Ground'N'Pound5 said:


> lol well i know krav maga locks the body and stuff but its just a fighting style. it doesnt have to be used in mma.
> 
> Pankration is AWESOME!!!!!!!!!!!


Pankration started it all! MMA back again in the Olympics by 2012!


----------



## Ground'N'Pound5 (Aug 7, 2009)

lol sorry bout the part in bold i forgot all about it


----------



## khoveraki (Jun 28, 2009)

No problem bud, we're all human. 

Are there any crazy striking martial arts that are rare? MMA seems to have highlighted the best combat arts (muay thai and jiu jitsu for example) and weeded out the combat arts that are not so practical (TKD anyone?).


----------



## swpthleg (Dec 31, 2006)

AAAAAAHHHHHHHHHH if you teach boxing along with TKD, and concentrate on the more efficient, practical techniques, TKD lends itself very well to the standup striking aspect of MMA.


----------



## Ground'N'Pound5 (Aug 7, 2009)

check this website out for some other disciplines.

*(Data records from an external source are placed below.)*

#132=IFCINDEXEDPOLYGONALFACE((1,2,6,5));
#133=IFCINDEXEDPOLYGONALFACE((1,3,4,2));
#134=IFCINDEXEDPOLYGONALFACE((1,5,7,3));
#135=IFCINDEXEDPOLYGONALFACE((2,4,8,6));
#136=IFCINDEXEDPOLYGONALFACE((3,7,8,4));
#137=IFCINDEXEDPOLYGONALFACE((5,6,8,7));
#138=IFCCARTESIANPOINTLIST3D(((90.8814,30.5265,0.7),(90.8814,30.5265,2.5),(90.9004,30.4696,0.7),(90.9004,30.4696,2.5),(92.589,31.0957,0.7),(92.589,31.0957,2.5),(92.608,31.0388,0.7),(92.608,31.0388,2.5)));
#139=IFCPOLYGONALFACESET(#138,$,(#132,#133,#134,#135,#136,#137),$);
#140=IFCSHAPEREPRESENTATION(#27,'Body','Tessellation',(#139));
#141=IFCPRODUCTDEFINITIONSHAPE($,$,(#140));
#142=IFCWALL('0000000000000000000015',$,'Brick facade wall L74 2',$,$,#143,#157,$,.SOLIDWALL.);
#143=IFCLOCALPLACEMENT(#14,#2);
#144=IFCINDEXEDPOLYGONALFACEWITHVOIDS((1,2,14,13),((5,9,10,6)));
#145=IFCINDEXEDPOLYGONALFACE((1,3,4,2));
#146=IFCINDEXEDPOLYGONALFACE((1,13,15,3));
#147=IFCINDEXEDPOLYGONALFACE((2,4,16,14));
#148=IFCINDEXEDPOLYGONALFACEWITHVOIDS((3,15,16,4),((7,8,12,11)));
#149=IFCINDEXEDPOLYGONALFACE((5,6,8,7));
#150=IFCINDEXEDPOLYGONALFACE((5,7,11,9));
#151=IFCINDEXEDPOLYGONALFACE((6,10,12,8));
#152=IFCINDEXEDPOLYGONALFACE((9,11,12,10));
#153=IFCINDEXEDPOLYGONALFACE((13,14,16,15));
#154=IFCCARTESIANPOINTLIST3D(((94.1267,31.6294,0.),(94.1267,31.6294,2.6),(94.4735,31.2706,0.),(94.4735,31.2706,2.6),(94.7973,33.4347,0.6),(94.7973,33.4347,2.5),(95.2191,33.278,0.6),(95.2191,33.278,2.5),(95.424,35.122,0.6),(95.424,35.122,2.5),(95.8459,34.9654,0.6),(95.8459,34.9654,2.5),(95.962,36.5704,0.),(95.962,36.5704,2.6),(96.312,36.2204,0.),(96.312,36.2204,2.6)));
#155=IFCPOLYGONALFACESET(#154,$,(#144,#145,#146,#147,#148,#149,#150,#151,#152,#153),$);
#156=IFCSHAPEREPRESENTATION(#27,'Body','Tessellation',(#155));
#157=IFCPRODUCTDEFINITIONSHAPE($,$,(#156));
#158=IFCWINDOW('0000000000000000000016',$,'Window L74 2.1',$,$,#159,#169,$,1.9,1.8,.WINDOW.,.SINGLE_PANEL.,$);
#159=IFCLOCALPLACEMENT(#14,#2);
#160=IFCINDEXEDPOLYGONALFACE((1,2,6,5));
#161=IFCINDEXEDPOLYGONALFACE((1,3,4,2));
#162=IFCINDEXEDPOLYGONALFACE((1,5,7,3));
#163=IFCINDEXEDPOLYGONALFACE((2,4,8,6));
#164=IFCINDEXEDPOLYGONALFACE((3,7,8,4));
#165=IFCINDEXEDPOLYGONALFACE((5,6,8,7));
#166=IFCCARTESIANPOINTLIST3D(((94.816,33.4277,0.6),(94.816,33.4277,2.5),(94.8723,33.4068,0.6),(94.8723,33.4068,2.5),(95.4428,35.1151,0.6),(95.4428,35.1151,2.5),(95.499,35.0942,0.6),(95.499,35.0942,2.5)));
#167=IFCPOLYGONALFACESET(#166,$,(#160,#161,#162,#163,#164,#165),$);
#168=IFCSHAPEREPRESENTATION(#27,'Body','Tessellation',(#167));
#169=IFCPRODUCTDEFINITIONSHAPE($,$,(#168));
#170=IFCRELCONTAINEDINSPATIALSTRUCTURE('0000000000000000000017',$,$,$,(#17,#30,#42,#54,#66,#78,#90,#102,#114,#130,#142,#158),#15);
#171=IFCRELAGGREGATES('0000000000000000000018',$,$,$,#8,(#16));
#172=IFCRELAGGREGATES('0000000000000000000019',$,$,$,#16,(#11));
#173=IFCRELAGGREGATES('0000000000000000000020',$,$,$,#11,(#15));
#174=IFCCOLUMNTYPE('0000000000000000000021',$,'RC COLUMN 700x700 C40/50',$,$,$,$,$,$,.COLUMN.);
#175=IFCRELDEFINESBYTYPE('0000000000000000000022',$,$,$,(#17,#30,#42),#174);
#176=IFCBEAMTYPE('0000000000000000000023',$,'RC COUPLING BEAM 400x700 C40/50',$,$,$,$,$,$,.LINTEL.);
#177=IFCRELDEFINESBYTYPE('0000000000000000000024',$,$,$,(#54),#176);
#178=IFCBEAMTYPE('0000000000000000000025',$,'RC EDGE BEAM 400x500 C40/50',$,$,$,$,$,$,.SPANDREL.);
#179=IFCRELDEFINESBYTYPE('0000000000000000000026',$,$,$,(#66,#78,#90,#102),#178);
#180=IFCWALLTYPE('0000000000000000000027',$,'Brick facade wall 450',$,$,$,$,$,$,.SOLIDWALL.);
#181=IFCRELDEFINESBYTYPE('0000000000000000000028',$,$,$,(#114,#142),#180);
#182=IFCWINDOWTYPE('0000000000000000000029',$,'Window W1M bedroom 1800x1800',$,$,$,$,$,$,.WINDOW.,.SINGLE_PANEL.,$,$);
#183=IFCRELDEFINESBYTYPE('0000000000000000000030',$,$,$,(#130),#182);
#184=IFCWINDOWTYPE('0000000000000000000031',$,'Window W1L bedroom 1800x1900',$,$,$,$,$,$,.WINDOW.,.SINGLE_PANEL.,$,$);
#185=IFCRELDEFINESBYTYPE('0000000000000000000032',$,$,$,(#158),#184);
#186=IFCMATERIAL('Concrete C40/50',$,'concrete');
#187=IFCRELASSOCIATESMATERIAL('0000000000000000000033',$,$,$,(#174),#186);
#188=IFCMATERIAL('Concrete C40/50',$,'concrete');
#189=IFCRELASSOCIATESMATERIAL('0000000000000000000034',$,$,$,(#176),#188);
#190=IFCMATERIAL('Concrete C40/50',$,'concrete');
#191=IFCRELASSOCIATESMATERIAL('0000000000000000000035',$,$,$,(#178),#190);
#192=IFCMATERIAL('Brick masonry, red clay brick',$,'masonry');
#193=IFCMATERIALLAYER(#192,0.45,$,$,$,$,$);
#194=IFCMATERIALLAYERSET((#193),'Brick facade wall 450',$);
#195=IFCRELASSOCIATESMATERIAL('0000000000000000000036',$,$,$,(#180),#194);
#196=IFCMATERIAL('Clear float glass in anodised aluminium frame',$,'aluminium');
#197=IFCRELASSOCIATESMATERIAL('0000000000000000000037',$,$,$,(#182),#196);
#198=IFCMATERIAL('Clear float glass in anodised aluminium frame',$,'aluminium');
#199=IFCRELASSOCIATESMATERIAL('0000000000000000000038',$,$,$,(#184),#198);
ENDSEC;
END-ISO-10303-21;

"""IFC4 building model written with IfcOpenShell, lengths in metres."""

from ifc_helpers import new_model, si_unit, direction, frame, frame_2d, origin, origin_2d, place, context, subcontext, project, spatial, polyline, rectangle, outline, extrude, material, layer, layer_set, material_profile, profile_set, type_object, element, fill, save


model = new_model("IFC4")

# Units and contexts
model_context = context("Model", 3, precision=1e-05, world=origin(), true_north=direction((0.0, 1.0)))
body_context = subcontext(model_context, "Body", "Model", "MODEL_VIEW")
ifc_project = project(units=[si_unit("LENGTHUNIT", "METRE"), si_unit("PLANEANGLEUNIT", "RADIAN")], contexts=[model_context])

http://fightingarts.com/reading/article_nc.php?id=59

Chin na: (China) The Chinese art of seizing and locking that uses striking and seizing of acupuncture points, grasping of tendons and blood vessels and the locking of joints, techniques widely incorporated into Chinese fighting arts. Included also is a mix of throwing, takedowns, kicking, punching and joint manipulations that parallel techniques in judo, jujitsu and karate. Techniques are also associated with dim mak.

SOUNDS AWESOME!!!!!!!


----------



## khoveraki (Jun 28, 2009)

Dim Mak is sick, I used to be obsessed with it when I was younger.


----------



## Servatose (Apr 21, 2008)

I think MMA is still in its infancy, and most any well-developed martial art can have a place in any major MMA organization. Assuming a fighter is educated, and capable of defending the more popular styles, any combat art is viable. I think if anyone has proven that, it's Lyoto Machida. With the UFC now being televised in Asia, I think there's a strong probability that new fights, along with martial arts will begin to filter into the MMA scene. It comes back to however, the primary responsibility of any fighter being that of knowing how to defend your opponent's techniques. I think that should be put above which style you use to attack your opponent.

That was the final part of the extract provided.